I have a bz2-compressed log file with a lot of lines. Every line has to undergo a small analysis which is of no importance here.
I started by reading the lines in text mode like:
import bz2
path = 'content.log.bz2'
def method_1(path):
with bz2.open(path, 'rt') as file:
lines = [line for line in file]
return lines
(The analysis happens in the list comprehension.) prun gives:
1394087 function calls (1394086 primitive calls) in 9.864 seconds
Ordered by: internal time
ncalls tottime percall cumtime percall filename:lineno(function)

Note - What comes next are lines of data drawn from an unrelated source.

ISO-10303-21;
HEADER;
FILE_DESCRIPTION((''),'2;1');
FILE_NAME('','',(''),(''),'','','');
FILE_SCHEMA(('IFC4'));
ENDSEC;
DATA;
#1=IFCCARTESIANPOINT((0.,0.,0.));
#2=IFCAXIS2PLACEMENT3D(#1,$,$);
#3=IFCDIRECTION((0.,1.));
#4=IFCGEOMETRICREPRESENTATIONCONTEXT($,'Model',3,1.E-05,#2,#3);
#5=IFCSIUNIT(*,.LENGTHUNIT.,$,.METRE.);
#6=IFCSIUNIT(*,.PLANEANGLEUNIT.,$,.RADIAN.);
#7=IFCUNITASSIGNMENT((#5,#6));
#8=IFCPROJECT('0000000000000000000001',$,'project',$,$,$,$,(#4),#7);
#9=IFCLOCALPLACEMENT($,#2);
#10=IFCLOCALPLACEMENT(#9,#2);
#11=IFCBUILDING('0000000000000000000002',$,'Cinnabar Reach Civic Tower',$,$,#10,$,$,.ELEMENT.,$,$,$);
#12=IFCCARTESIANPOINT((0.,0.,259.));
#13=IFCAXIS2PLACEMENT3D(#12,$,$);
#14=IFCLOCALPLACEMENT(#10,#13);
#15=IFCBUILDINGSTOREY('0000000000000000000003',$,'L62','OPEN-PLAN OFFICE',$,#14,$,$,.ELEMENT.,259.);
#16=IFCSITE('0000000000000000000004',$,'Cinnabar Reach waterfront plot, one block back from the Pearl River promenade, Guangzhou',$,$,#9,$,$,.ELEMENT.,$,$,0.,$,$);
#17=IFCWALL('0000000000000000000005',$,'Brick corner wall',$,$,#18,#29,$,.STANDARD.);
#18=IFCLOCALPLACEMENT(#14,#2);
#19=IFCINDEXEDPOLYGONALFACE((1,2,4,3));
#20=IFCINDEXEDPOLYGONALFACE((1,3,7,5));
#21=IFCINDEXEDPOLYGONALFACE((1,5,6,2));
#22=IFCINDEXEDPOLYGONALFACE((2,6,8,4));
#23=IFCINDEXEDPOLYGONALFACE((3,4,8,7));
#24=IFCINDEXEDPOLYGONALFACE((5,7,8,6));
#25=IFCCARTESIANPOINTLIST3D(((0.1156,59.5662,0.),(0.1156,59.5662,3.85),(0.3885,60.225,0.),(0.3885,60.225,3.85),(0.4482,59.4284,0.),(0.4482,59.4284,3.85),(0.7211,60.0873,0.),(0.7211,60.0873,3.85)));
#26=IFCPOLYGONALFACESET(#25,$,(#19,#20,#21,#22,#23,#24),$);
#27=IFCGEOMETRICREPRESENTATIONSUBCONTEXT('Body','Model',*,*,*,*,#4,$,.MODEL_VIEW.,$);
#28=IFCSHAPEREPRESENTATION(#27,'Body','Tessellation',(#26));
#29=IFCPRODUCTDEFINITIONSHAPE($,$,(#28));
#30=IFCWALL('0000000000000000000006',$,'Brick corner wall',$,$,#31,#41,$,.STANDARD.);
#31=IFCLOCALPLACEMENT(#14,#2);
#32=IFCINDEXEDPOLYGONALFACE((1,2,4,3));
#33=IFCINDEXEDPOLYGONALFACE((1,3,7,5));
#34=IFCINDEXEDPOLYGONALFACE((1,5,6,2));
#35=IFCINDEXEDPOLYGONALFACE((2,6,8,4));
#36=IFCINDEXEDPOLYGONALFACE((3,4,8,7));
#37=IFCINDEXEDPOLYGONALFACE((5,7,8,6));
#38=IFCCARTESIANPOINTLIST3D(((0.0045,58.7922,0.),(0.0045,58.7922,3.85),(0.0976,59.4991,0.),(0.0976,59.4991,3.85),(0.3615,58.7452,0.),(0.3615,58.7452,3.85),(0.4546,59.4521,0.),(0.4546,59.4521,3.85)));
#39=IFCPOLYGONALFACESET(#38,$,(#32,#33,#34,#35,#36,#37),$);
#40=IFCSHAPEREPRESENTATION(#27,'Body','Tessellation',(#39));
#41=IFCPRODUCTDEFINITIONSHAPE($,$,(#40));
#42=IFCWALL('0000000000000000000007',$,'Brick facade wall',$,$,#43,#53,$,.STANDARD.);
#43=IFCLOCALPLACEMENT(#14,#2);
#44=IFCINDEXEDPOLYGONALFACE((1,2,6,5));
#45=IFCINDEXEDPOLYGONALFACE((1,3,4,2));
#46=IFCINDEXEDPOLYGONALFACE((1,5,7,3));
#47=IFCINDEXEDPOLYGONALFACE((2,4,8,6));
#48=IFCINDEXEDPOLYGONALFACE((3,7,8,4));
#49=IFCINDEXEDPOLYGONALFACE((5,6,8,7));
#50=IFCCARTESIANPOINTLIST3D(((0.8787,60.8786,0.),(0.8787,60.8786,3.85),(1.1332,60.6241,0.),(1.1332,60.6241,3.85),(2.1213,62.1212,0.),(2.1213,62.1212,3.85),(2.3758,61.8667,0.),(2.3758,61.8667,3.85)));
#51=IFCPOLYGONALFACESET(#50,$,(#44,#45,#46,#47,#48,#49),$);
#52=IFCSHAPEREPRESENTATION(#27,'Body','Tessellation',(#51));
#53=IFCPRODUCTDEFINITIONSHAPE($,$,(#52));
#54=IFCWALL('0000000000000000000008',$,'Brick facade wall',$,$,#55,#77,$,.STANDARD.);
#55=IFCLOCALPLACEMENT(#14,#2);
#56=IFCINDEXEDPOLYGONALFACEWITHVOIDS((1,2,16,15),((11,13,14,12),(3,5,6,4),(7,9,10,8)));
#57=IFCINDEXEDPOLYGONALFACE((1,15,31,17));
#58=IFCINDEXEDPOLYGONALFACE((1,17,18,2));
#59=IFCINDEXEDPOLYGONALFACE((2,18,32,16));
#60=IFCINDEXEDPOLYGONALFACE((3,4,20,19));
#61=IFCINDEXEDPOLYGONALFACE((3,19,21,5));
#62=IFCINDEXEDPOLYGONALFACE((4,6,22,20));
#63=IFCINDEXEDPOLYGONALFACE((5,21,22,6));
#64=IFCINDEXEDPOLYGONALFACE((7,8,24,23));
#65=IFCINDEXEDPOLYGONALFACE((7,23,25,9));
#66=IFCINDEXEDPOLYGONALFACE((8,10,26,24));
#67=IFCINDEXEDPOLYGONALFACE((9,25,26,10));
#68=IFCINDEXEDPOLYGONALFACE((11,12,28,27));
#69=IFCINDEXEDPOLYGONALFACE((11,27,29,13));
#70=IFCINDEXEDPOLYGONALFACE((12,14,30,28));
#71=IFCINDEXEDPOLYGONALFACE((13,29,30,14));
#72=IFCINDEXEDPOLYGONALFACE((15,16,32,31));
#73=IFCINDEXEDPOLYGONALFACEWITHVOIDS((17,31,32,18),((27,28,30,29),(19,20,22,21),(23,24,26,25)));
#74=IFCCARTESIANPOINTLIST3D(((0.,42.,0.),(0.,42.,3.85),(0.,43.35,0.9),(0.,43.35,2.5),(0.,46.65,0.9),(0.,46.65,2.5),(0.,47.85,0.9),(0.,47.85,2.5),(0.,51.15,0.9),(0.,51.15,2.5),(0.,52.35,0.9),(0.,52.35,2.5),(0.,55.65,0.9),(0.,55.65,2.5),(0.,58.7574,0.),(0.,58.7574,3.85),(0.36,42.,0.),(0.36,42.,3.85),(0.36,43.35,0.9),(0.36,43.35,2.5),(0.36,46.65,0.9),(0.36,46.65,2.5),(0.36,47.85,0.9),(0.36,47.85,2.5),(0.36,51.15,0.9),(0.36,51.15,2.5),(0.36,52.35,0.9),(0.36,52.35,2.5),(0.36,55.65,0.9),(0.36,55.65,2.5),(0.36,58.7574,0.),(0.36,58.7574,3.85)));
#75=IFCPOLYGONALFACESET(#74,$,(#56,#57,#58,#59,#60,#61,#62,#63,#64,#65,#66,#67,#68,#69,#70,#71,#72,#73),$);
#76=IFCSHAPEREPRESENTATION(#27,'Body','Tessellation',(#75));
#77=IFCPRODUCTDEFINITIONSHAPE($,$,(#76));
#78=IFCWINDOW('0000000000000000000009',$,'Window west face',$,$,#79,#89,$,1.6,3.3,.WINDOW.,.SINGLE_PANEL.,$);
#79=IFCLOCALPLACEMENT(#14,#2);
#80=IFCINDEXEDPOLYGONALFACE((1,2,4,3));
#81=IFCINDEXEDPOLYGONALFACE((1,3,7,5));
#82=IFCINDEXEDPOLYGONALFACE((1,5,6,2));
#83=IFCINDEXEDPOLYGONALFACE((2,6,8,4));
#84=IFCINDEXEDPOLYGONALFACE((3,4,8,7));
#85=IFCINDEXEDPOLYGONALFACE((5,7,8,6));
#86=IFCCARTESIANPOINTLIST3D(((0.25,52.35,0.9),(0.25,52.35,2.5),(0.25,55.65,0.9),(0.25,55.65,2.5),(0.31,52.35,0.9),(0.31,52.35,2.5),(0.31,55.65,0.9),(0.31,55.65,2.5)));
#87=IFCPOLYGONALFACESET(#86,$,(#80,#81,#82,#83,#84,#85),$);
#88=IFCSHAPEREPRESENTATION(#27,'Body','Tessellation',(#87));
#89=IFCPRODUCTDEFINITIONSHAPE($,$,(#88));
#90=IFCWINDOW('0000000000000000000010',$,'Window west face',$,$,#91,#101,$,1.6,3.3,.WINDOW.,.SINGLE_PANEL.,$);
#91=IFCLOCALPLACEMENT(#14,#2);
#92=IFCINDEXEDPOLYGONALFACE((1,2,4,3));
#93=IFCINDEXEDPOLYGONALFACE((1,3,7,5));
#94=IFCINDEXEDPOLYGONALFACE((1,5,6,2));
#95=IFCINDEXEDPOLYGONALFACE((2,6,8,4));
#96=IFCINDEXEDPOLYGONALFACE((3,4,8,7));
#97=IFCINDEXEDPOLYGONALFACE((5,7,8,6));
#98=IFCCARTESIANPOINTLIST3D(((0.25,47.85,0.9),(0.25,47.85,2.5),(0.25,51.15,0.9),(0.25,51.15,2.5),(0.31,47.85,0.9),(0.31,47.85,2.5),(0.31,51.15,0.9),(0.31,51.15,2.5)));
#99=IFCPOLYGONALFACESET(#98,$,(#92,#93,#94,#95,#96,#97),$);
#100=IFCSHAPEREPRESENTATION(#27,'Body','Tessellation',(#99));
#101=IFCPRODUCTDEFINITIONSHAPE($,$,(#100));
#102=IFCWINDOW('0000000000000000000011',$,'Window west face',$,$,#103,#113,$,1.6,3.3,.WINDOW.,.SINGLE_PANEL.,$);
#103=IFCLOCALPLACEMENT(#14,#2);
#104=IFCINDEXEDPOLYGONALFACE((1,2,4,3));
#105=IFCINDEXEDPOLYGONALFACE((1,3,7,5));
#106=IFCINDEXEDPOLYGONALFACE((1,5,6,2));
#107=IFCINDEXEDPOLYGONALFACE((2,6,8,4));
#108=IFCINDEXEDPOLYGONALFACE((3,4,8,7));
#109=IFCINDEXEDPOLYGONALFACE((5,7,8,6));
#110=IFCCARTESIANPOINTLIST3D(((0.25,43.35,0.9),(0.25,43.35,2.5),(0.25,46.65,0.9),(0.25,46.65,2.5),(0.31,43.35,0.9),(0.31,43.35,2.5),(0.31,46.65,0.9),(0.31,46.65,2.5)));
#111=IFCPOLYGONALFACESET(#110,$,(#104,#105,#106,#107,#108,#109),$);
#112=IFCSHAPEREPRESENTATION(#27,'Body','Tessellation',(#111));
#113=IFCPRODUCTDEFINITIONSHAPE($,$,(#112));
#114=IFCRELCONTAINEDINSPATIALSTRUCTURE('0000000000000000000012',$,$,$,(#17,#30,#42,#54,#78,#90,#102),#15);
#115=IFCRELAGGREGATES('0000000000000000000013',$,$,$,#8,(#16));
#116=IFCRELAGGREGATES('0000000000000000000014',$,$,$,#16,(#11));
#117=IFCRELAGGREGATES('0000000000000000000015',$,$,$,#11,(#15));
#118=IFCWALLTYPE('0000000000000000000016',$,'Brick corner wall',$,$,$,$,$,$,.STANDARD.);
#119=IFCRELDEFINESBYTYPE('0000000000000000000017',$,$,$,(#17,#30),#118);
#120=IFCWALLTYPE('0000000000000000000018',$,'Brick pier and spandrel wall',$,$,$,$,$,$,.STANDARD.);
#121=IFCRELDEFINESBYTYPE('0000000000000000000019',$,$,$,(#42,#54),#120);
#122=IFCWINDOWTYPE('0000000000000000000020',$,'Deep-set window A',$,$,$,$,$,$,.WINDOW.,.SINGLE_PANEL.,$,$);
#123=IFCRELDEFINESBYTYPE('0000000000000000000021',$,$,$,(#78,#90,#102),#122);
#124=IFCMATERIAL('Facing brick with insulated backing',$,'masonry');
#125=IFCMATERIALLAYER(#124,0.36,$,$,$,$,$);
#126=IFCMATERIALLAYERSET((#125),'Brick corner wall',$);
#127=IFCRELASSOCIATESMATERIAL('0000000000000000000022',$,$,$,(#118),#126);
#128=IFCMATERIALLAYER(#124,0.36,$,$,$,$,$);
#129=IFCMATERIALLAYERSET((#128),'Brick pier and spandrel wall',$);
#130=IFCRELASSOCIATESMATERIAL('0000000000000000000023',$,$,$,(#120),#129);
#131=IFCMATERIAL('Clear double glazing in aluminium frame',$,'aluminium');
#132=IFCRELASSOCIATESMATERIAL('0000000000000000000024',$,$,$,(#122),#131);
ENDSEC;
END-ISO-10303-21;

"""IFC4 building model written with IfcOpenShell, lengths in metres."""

from ifc_helpers import new_model, si_unit, direction, frame, frame_2d, origin, place, context, subcontext, project, spatial, rectangle, extrude, material, layer, layer_set, type_object, element, fill, save


model = new_model("IFC4")

# Units and contexts
model_context = context("Model", 3, precision=1e-05, world=origin(), true_north=direction((0.0, 1.0)))
body_context = subcontext(model_context, "Body", "Model", "MODEL_VIEW")
ifc_project = project(units=[si_unit("LENGTHUNIT", "METRE"), si_unit("PLANEANGLEUNIT", "RADIAN")], contexts=[model_context])

# Site, building, storey
site_placement = place(None, origin())
site = spatial("IfcSite", under=ifc_project, at=site_placement, Name="Cinnabar Reach waterfront plot, one block back from the Pearl River promenade, Guangzhou", CompositionType="ELEMENT", RefElevation=0.0)
building_placement = place(site_placement, origin())
building = spatial("IfcBuilding", under=site, at=building_placement, Name="Cinnabar Reach Civic Tower", CompositionType="ELEMENT")
storey_placement = place(building_placement, frame((0.0, 0.0, 259.0)))
storey = spatial("IfcBuildingStorey", under=building, at=storey_placement, Name="L62", Description="OPEN-PLAN OFFICE", CompositionType="ELEMENT", Elevation=259.0)

# Walls
ifc_material_1 = material(Name="Facing brick with insulated backing", Category="masonry")
ifc_layer_1 = layer(ifc_material_1, 0.36)
ifc_layer_set_1 = layer_set([ifc_layer_1], Name="Brick corner wall")
wall_type_1 = type_object("IfcWallType", Name="Brick corner wall", PredefinedType="STANDARD", material=ifc_layer_set_1)
for number, where, z_axis, x_axis, name in (
    (1, (0.5548, 60.1561, 0.0), (0.0, 0.0, 1.0), (-0.382703, -0.923872, 0.0), "Brick corner wall"),
    (2, (0.2761, 59.4756, 0.0), (0.0, 0.0, 1.0), (-0.130556, -0.991441, 0.0), "Brick corner wall"),
):
    element("IfcWall", number, at=place(storey_placement, frame(where, z_axis=z_axis, x_axis=x_axis)), inside=storey, type_object=wall_type_1, Name=name, PredefinedType="STANDARD", context=body_context, shape_type="SweptSolid", body=[
        extrude(rectangle(XDim=0.7131, YDim=0.36, at=frame_2d((0.3565, 0.0))), origin(), (0.0, 0.0, 1.0), 3.85),
    ])
ifc_layer_2 = layer(ifc_material_1, 0.36)
ifc_layer_set_2 = layer_set([ifc_layer_2], Name="Brick pier and spandrel wall")
wall_type_2 = type_object("IfcWallType", Name="Brick pier and spandrel wall", PredefinedType="STANDARD", material=ifc_layer_set_2)
wall_1_placement = place(storey_placement, frame((2.2486, 61.994, 0.0), z_axis=(0.0, 0.0, 1.0), x_axis=(-0.707107, -0.707107, 0.0)))
element("IfcWall", 3, at=wall_1_placement, inside=storey, type_object=wall_type_2, Name="Brick facade wall", PredefinedType="STANDARD", context=body_context, shape_type="SweptSolid", body=[
    extrude(rectangle(XDim=1.7573, YDim=0.36, at=frame_2d((0.8787, 0.0))), origin(), (0.0, 0.0, 1.0), 3.85),
])

# Wall, openings, windows
wall_2_placement = place(storey_placement, frame((0.18, 58.7574, 0.0), z_axis=(0.0, 0.0, 1.0), x_axis=(0.0, -1.0, 0.0)))
wall_2 = element("IfcWall", 4, at=wall_2_placement, inside=storey, type_object=wall_type_2, Name="Brick facade wall", PredefinedType="STANDARD", context=body_context, shape_type="SweptSolid", body=[
    extrude(rectangle(XDim=16.7574, YDim=0.36, at=frame_2d((8.3787, 0.0))), origin(), (0.0, 0.0, 1.0), 3.85),
])
opening_1_placement = place(wall_2_placement, frame((3.1074, 0.0, 0.9)))
opening_1 = element("IfcOpeningElement", 5, at=opening_1_placement, cuts=wall_2, PredefinedType="OPENING", context=body_context, shape_type="SweptSolid", body=[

17350 3.295 0.000 3.295 0.000 {method 'decompress' of '_bz2.BZ2Decompressor' objects}
1 3.042 3.042 9.780 9.780 <ipython-input-1-77d0033e4930>:7(<listcomp>)
1143178 2.232 0.000 2.232 0.000 bz2.py:137(closed)
16617 0.266 0.000 3.894 0.000 _compression.py:66(readinto)
16617 0.138 0.000 3.474 0.000 _compression.py:72(read)
16617 0.138 0.000 4.386 0.000 bz2.py:184(read1)
66467 0.128 0.000 0.128 0.000 {built-in method builtins.len}
16617 0.108 0.000 4.001 0.000 {method 'read1' of '_io.BufferedReader' objects}
16617 0.086 0.000 0.153 0.000 codecs.py:319(decode)
1 0.083 0.083 9.864 9.864 <string>:1(<module>)
16617 0.076 0.000 0.247 0.000 _compression.py:16(_check_can_read)
16619 0.070 0.000 0.171 0.000 bz2.py:151(readable)
16621 0.068 0.000 0.101 0.000 _compression.py:12(_check_not_closed)
16617 0.067 0.000 0.067 0.000 {built-in method _codecs.utf_8_decode}
16617 0.058 0.000 0.058 0.000 {method 'cast' of 'memoryview' objects}
886 0.009 0.000 0.009 0.000 {method 'read' of '_io.BufferedReader' objects}
I thought I might be better off, doing this in byte mode.
def method_2(path):
with bz2.open(path, 'rb') as file:
lines = [line for line in file]
return lines
As it turns out, this is much worse performance-wise than my first solution. prun now gives:
8020433 function calls in 39.857 seconds
Ordered by: internal time
ncalls tottime percall cumtime percall filename:lineno(function)
1126551 10.761 0.000 36.901 0.000 bz2.py:206(readline)
1126551 4.739 0.000 11.553 0.000 bz2.py:151(readable)
1126551 4.655 0.000 16.208 0.000 _compression.py:16(_check_can_read)
1126551 4.517 0.000 6.814 0.000 _compression.py:12(_check_not_closed)
17350 4.333 0.000 4.333 0.000 {method 'decompress' of '_bz2.BZ2Decompressor' objects}
1126551 3.023 0.000 7.947 0.000 {method 'readline' of '_io.BufferedReader' objects}
1 2.880 2.880 39.780 39.780 <ipython-input-1-77d0033e4930>:12(<listcomp>)
1126554 2.297 0.000 2.297 0.000 bz2.py:137(closed)
1126552 1.985 0.000 1.985 0.000 {built-in method builtins.isinstance}
16617 0.273 0.000 4.924 0.000 _compression.py:66(readinto)
16617 0.140 0.000 4.515 0.000 _compression.py:72(read)
66467 0.128 0.000 0.128 0.000 {built-in method builtins.len}
1 0.073 0.073 39.857 39.857 <string>:1(<module>)
16617 0.040 0.000 0.040 0.000 {method 'cast' of 'memoryview' objects}
886 0.009 0.000 0.009 0.000 {method 'read' of '_io.BufferedReader' objects}
Does anyone know what is the problem here? I suspected the byte mode to be much more "machine-like" and therefore faster. But it isn't.